Sharing A Nvidia GPU Between Pods In Kubernetes

#kubernetes #devops #programming #docker

As larger graphical-based workloads (like building Models) becomes more of a need for organizations, the ability to use GPUs is increasing. The problem is that it’s incredibly expensive. For example, if you want to get a few Nvidia H100’s in a Kubernetes cluster in the cloud, you’re looking at hundreds of thousands of dollars in cost.

With GPU sharing, that cost and overall management of infrastructure decreases significantly.

In this blog post, you’ll learn how to implement sharing of Nvidia GPUs.

The Benefit

As it stands right now, GPUs are incredibly expensive. If you look at a lot of the large “AI Factories” out of places like OpenAI, they’re spending billions of dollars just to have enough hardware to run Models.
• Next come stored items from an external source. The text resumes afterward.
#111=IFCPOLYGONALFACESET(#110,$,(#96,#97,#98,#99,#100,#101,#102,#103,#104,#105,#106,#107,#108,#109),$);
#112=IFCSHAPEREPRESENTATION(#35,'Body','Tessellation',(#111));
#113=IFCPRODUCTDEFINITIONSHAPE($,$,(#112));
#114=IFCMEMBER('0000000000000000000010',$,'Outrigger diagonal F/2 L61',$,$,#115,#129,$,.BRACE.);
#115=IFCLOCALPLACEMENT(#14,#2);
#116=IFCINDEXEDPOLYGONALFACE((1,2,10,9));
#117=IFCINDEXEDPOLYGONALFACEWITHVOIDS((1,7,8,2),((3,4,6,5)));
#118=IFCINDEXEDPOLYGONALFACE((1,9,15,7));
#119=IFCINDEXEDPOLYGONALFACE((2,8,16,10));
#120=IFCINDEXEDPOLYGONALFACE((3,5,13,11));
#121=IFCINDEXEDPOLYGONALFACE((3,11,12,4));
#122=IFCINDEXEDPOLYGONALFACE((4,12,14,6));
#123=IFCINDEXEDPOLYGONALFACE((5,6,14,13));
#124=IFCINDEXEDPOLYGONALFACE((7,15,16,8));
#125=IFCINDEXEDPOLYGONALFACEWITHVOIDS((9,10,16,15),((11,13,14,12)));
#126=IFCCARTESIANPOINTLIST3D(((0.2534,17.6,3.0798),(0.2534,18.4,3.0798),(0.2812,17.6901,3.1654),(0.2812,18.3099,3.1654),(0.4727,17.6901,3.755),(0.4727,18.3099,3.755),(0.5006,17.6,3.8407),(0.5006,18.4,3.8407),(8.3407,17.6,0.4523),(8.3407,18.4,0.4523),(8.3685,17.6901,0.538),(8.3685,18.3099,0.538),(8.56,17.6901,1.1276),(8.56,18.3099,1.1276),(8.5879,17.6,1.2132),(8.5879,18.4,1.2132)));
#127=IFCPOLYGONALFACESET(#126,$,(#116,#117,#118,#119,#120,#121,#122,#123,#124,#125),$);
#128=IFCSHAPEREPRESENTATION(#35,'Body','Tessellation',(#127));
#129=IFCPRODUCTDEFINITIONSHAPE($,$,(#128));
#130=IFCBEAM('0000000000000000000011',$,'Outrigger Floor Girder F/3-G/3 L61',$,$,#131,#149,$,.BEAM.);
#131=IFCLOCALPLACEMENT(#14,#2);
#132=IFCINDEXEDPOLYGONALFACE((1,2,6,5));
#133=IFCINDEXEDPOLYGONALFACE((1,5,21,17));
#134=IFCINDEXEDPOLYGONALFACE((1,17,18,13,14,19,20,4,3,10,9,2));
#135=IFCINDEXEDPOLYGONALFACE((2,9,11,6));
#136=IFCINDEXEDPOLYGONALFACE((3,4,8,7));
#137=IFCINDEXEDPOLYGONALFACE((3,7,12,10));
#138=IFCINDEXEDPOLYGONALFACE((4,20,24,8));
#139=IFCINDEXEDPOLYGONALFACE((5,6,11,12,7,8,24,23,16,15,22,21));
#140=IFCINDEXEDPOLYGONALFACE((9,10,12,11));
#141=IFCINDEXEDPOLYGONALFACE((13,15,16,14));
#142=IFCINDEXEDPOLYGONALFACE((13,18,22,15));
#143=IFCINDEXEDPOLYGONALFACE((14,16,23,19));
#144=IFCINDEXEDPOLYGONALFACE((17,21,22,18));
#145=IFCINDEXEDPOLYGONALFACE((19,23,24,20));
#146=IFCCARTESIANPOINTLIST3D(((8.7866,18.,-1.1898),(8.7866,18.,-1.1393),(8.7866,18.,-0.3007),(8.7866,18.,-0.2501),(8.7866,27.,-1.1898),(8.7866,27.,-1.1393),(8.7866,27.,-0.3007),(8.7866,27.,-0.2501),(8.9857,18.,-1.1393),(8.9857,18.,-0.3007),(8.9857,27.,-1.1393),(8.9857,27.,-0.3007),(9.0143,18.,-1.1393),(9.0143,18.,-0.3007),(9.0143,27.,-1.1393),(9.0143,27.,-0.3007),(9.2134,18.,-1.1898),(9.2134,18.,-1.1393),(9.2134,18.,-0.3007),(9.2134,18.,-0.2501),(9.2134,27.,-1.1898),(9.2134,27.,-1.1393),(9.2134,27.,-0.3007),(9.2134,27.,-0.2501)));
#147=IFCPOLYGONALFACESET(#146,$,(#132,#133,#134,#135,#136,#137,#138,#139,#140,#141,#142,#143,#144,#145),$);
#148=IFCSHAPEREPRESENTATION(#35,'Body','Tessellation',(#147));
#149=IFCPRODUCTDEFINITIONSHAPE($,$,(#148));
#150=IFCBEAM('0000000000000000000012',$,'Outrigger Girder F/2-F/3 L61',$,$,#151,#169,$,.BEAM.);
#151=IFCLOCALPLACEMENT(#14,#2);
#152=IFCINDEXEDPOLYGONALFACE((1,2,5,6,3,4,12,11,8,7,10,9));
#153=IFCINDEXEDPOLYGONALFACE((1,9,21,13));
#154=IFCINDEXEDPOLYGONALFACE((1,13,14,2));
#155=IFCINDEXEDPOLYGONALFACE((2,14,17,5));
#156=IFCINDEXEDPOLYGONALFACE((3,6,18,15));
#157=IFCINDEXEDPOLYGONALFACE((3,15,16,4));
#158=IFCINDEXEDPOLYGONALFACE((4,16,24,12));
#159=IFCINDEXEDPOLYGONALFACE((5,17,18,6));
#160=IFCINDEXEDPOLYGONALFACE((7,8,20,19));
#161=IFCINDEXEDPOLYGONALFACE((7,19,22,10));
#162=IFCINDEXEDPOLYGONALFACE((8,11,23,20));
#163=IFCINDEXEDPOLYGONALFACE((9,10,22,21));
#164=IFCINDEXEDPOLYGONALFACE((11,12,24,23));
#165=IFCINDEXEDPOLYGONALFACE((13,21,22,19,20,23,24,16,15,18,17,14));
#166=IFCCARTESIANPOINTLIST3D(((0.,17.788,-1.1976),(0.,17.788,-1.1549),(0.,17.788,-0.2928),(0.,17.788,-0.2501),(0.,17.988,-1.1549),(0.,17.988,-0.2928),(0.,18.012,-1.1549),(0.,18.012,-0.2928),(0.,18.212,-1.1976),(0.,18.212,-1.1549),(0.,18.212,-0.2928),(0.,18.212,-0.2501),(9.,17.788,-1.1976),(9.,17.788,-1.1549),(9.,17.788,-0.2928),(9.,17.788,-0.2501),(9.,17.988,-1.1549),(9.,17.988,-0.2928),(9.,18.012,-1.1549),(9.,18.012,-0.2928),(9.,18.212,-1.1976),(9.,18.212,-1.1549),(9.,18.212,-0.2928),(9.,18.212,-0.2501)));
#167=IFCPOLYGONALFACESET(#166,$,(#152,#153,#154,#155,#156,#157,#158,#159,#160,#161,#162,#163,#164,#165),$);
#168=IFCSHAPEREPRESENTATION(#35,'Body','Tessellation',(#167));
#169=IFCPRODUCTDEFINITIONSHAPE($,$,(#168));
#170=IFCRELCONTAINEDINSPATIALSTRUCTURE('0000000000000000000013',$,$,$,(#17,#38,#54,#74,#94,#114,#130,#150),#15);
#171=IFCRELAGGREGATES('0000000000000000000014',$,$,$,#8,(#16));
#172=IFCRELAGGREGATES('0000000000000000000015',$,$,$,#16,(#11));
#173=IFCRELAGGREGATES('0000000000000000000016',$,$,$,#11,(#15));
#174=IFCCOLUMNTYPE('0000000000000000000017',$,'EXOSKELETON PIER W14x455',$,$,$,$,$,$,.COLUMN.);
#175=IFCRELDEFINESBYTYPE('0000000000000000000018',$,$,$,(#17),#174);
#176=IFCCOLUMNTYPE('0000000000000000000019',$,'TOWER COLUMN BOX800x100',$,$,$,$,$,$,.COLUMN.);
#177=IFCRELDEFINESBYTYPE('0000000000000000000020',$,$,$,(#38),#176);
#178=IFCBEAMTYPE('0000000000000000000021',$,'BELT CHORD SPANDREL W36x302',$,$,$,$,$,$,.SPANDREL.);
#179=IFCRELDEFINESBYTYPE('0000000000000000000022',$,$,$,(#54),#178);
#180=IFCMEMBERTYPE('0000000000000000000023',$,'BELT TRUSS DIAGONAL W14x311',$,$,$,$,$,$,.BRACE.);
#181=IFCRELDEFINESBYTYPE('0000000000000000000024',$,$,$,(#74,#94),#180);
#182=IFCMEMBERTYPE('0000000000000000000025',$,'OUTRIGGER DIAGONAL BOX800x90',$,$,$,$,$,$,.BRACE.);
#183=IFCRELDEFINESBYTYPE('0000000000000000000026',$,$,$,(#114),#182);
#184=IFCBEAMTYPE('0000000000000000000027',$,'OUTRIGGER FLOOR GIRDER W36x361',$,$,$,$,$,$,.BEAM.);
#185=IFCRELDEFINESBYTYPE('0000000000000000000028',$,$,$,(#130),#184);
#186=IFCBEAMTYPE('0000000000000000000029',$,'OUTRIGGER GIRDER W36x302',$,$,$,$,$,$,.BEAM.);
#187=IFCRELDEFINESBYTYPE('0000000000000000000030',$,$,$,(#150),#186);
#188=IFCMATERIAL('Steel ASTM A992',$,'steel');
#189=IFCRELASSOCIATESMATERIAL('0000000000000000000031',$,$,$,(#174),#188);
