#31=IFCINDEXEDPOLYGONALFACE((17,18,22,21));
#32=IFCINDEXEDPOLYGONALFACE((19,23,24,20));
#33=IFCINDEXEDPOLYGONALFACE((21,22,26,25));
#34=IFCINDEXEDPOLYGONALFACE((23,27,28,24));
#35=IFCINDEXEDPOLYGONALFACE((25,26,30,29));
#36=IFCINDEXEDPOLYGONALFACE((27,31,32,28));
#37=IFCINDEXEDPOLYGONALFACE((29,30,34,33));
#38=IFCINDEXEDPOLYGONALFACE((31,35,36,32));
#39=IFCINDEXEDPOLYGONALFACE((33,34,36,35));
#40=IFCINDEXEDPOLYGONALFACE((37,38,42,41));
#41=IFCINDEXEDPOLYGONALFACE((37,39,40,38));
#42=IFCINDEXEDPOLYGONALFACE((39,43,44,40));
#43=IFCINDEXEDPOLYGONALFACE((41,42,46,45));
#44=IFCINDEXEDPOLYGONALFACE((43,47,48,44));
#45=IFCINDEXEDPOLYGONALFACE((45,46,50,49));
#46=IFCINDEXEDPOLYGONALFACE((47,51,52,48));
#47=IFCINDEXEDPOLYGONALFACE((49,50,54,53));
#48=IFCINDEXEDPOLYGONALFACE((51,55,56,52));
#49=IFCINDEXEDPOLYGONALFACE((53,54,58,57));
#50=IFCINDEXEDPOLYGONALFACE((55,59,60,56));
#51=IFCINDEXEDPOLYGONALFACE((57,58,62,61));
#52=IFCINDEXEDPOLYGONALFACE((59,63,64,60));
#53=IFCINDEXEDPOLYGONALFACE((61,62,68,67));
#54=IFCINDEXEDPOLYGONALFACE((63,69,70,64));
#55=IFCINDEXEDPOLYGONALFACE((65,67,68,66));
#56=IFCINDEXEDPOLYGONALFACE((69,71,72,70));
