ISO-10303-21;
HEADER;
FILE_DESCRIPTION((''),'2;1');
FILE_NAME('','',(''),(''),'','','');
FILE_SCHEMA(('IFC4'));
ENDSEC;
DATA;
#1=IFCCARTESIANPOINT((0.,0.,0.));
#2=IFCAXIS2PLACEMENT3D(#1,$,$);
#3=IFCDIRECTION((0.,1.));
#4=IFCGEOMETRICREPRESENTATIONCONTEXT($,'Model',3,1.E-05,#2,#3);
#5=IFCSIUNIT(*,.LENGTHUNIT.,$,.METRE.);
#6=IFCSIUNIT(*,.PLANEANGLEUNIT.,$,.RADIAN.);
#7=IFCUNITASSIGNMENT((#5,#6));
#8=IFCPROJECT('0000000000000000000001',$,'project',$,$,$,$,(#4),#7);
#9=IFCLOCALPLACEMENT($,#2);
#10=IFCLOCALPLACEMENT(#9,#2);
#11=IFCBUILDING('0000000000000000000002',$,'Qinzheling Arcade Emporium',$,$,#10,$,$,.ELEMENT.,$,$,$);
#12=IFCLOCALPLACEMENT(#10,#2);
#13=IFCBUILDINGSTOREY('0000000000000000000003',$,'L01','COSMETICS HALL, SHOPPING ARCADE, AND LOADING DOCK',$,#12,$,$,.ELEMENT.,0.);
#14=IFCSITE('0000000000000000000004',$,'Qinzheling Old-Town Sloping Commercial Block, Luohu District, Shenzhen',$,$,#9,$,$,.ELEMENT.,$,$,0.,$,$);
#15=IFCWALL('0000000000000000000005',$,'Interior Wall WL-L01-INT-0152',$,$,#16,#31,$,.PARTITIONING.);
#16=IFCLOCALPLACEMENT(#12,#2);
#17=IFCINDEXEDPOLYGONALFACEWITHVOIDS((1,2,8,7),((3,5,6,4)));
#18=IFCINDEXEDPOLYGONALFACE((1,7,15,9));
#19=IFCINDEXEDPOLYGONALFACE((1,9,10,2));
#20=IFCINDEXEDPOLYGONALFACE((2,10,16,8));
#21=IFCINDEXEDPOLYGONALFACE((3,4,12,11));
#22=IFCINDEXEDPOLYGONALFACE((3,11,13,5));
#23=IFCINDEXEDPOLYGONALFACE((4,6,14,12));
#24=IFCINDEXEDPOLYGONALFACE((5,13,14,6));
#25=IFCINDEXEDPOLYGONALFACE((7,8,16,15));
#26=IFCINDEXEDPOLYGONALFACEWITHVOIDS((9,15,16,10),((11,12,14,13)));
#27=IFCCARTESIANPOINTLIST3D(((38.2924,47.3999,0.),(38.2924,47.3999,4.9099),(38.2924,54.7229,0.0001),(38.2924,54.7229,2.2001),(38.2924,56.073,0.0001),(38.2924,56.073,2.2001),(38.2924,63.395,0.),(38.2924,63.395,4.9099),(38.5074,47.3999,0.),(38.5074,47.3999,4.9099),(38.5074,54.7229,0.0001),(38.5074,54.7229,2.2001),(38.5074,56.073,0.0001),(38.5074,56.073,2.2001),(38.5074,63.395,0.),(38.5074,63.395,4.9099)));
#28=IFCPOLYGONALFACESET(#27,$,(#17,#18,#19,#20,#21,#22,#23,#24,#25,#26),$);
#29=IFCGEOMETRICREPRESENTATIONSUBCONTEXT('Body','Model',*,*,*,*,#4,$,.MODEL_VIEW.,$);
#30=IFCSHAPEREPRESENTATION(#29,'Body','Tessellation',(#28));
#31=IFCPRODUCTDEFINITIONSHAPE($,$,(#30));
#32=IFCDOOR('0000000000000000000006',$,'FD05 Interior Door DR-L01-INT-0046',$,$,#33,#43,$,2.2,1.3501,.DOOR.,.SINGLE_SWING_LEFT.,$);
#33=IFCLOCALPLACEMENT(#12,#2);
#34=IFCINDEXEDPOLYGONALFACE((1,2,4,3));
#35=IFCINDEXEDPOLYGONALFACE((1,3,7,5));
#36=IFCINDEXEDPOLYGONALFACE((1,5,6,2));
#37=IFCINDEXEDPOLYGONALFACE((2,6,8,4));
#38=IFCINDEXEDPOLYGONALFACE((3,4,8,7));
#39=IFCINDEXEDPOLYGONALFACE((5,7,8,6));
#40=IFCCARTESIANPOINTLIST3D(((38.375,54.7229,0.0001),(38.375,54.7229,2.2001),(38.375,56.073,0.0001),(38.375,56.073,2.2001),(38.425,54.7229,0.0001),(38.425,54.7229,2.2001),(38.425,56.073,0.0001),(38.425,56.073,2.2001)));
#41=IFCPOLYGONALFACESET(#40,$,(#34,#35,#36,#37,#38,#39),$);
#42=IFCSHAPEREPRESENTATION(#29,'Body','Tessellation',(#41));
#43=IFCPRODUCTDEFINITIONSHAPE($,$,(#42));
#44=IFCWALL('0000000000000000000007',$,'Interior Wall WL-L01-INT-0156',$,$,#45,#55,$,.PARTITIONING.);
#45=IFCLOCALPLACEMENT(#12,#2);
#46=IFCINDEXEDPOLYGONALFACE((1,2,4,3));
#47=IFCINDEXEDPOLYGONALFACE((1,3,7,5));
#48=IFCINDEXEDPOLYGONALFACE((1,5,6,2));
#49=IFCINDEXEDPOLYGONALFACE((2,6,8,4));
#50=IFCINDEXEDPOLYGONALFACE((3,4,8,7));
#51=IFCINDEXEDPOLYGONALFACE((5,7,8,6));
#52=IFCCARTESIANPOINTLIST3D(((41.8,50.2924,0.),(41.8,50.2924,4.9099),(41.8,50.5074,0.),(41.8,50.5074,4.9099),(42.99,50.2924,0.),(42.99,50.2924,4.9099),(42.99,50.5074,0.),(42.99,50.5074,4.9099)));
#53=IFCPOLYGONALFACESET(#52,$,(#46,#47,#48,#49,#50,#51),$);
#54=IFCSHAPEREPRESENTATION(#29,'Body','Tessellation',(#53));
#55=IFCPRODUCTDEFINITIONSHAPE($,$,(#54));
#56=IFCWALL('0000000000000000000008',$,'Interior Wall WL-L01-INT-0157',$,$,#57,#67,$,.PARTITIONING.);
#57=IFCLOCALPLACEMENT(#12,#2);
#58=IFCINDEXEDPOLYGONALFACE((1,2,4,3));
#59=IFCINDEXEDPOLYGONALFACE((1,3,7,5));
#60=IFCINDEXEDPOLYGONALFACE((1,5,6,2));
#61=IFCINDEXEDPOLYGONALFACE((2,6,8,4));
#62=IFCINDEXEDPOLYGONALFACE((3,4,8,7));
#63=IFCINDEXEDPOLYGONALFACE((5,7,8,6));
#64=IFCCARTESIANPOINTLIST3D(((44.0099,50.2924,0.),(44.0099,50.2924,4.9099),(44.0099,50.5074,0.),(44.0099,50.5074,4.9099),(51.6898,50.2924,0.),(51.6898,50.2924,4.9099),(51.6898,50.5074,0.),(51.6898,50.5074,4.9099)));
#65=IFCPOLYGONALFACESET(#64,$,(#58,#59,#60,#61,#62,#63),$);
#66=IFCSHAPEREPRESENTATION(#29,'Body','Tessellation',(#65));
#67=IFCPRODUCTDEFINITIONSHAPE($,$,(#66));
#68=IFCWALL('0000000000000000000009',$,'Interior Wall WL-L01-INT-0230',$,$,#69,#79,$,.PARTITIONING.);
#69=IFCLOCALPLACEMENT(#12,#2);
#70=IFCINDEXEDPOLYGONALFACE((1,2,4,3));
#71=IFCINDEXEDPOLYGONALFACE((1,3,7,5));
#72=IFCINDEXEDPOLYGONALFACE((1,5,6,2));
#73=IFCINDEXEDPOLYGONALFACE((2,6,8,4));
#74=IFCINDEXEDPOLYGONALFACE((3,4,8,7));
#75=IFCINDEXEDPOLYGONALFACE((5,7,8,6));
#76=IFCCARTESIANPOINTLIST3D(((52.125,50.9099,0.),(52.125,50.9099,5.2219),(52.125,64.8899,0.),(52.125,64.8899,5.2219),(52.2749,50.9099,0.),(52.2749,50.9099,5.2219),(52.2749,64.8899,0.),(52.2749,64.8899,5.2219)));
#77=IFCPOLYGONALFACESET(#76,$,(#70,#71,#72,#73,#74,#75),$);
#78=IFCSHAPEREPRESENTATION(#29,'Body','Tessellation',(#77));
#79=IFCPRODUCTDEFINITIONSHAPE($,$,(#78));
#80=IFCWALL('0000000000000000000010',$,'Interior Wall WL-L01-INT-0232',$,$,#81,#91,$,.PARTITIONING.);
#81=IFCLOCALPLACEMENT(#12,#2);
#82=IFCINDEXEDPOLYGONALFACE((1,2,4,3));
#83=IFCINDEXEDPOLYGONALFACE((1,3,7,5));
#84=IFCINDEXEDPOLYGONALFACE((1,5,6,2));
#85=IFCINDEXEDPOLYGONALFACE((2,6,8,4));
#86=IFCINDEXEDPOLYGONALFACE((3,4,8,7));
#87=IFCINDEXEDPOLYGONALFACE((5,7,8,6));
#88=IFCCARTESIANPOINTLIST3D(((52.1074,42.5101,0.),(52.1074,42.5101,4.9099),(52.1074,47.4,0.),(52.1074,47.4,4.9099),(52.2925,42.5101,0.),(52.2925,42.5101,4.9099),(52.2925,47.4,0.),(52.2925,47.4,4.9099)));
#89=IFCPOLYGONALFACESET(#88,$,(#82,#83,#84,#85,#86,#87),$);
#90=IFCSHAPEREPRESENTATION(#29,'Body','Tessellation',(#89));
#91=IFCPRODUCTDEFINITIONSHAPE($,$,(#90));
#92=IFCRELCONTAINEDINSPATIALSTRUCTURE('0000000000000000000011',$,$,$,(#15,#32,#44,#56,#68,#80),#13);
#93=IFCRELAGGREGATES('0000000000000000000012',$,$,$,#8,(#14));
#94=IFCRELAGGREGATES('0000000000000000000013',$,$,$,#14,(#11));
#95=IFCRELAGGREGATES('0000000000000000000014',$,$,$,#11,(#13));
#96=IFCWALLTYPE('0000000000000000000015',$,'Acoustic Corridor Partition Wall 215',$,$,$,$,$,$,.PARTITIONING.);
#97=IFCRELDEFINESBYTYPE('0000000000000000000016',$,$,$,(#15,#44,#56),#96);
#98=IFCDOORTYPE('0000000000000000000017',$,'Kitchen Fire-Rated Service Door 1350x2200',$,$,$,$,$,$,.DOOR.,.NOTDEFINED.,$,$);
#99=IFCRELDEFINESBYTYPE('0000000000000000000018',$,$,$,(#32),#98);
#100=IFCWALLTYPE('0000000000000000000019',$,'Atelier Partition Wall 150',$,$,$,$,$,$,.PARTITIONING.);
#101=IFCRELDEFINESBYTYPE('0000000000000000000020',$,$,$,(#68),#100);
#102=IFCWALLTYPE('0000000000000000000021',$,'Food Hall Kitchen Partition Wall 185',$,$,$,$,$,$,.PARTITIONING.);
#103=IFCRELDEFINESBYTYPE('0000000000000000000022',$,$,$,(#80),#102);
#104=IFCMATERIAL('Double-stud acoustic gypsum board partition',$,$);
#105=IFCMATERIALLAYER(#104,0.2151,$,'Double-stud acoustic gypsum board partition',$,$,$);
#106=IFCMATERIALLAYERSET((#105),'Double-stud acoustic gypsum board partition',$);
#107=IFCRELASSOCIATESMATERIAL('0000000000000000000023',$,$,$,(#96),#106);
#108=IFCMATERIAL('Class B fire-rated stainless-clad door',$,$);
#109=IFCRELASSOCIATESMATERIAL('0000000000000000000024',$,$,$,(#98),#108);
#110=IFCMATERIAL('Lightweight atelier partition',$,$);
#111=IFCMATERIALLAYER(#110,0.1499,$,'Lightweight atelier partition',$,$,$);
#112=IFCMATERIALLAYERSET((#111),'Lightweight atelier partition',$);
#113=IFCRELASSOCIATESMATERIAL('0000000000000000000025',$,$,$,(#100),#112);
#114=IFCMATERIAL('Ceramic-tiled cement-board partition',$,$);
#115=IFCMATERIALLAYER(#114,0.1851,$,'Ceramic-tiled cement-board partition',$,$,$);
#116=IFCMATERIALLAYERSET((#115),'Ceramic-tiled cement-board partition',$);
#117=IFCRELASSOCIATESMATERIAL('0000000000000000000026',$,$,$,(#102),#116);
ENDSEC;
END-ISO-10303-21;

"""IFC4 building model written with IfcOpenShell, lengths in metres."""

from ifc_helpers import new_model, si_unit, direction, frame, frame_2d, origin, place, context, subcontext, project, spatial, rectangle, extrude, material, layer, layer_set, type_object, element, fill, save


model = new_model("IFC4")

# Units and contexts
model_context = context("Model", 3, precision=1e-05, world=origin(), true_north=direction((0.0, 1.0)))
body_context = subcontext(model_context, "Body", "Model", "MODEL_VIEW")
ifc_project = project(units=[si_unit("LENGTHUNIT", "METRE"), si_unit("PLANEANGLEUNIT", "RADIAN")], contexts=[model_context])

# Site, building, storey
site_placement = place(None, origin())
site = spatial("IfcSite", under=ifc_project, at=site_placement, Name="Qinzheling Old-Town Sloping Commercial Block, Luohu District, Shenzhen", CompositionType="ELEMENT", RefElevation=0.0)
building_placement = place(site_placement, origin())
building = spatial("IfcBuilding", under=site, at=building_placement, Name="Qinzheling Arcade Emporium", CompositionType="ELEMENT")
storey_placement = place(building_placement, origin())
storey = spatial("IfcBuildingStorey", under=building, at=storey_placement, Name="L01", Description="COSMETICS HALL, SHOPPING ARCADE, AND LOADING DOCK", CompositionType="ELEMENT", Elevation=0.0)

# Shared definitions
ifc_material_1 = material(Name="Double-stud acoustic gypsum board partition")
ifc_layer_1 = layer(ifc_material_1, 0.2151, Name="Double-stud acoustic gypsum board partition")
ifc_layer_set_1 = layer_set([ifc_layer_1], Name="Double-stud acoustic gypsum board partition")
wall_type_1 = type_object("IfcWallType", Name="Acoustic Corridor Partition Wall 215", PredefinedType="PARTITIONING", material=ifc_layer_set_1)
There are two big things to think about here:

That’s a lot of hardware/infrastructure to manage.
It’s very expensive.

Having the ability to share one GPU, much like memory/CPU/Worker Nodes are shared in a Kubernetes cluster for multiple Pods, allows organizations to not only take advantage of using GPUs, but it keeps costs down and makes graphical-based workloads more readily available.

Nvidia Operator Deployment

The Nvidia Operator helps ease the pain between getting communication of hardware and software, much like any other Driver. Even if a desktop or a laptop, a Driver is the software that allows the hardware to be available/communicate with the shell.

As all Kubernetes Operators do, the Nvidia GPU Operator also extends Kubernetes to be able to use the GPU itself.

💡

Operators allow you to extend the Kubernetes API to work with an API of your choosing. They also contain a Controller which ensures that the current state of the deployment is the desired state. For example, if you have a Controller that’s looking at Pods, it’ll ensure that however many Replicas are supposed to be deployed are in fact, deployed.

First, install the Driver.

kubectl apply -f https://raw.githubusercontent.com/GoogleCloudPlatform/container-engine-accelerators/master/nvidia-driver-installer/cos/daemonset-preloaded-latest.yaml

Next, create the gpu-operator Namespace as the Helm Chart for the Kubernetes Nvidia Operator will exist there.

kubectl create ns gpu-operator

Because it’s a GPU Operator and can take a significant amount of resources with a Kubernetes cluster, set up a Resource Quota to ensure that no more than 100 Pods can use the GPU at once.

kubectl apply -f - << EOF
apiVersion: v1
kind: ResourceQuota
metadata:
  name: gpu-operator-quota
  namespace: gpu-operator
spec:
  hard:
    pods: 100
  scopeSelector:
    matchExpressions:
    - operator: In
      scopeName: PriorityClass
      values:
        - system-node-critical
        - system-cluster-critical
EOF

Install the Nvidia GPU Operator via Helm.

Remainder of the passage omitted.